The first line of input contains three integers $n, m, q$ $(1 \le n,m,q \le 400, 1\le n \times m \le 400)$, indicating the number of rows and columns of the grid, and the number of events.
For the next $n \times m$ lines, the $((i-1)\times m+j)$-th line contains $4$ integers $p_{ij0},\ p_{ij1}, p_{ij2}, p_{ij3}$ $(0\leq p_{ij0}, p_{ij1}, p_{ij2}, p_{ij3}< 1,000,000,007)$, indicating the probabilities for the pony that locates at $(i, j)$ to move up, down, left, and right. The probabilities are given in the form of modulo $1,000,000,007$. That is, if the probability is $P/Q$, then the given integer is $P\cdot Q^{-1}\pmod {1,000,000,007}$, where $Q^{-1}$ denotes the multiplicative inverse of $Q$ modulo $1,000,000,007$. It's guaranteed that $p_{ij0}+p_{ij1}+p_{ij2}+p_{ij3}\equiv 1 \pmod{1,000,000,007}$.
For the next $m$ lines, each line represents an event.
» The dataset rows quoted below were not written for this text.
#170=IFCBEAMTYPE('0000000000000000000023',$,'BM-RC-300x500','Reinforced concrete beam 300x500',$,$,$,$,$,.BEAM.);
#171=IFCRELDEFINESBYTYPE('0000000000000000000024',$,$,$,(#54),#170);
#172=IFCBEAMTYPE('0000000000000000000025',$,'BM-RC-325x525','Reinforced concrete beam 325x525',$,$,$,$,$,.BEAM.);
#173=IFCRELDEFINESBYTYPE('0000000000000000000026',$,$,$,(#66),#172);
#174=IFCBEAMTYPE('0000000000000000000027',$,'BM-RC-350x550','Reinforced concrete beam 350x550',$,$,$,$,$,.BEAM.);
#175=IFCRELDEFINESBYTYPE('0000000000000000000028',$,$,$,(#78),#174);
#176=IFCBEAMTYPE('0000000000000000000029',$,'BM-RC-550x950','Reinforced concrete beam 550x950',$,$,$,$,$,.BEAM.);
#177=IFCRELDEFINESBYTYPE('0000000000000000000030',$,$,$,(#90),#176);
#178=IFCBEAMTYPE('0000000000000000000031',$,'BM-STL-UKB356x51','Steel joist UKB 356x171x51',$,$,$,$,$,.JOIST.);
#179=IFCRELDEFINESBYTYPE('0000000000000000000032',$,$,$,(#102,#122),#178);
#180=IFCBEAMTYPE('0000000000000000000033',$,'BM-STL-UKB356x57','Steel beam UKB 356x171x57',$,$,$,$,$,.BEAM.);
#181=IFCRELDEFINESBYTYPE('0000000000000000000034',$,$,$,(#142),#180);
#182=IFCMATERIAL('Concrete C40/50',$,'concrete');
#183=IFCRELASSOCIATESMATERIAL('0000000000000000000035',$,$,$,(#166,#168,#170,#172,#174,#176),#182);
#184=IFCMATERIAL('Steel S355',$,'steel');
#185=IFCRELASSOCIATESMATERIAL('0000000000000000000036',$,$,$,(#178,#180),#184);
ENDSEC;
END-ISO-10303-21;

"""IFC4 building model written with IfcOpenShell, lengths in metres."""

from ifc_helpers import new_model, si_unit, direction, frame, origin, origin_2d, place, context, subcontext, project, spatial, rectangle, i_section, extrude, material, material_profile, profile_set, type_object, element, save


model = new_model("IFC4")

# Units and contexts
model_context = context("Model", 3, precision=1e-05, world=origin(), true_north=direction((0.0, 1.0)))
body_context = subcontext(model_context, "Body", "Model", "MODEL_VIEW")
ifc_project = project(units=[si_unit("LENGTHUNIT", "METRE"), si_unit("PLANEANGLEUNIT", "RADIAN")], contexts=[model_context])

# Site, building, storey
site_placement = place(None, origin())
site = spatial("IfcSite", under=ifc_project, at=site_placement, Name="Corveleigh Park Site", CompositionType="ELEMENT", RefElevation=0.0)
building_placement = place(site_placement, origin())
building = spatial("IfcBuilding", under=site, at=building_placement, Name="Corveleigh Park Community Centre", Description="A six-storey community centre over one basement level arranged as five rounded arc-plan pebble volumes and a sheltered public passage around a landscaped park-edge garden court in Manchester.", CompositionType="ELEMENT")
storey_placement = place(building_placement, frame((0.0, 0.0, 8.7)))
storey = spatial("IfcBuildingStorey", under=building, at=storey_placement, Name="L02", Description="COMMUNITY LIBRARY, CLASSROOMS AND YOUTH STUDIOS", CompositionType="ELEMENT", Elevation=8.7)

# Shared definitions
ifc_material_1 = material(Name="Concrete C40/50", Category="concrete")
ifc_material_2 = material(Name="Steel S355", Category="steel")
- $1\ x\ y\ p_0\ p_1\ p_2\ p_3$, indicating that the four probabilities of the gird $(x, y)$ will be changed to $p_0\ p_1\ p_2\ p_3$. $(1\leq x\leq n, 1\leq y\leq m, 0\leq p_0, p_1, p_2, p_3<1,000,000,007, p_0+p_1+p_2+p_3 \equiv 1 \pmod{1,000,000,007})$
- $2$, indicating to query the sum of the mathematical expectation of the time for each pony to move out of the area.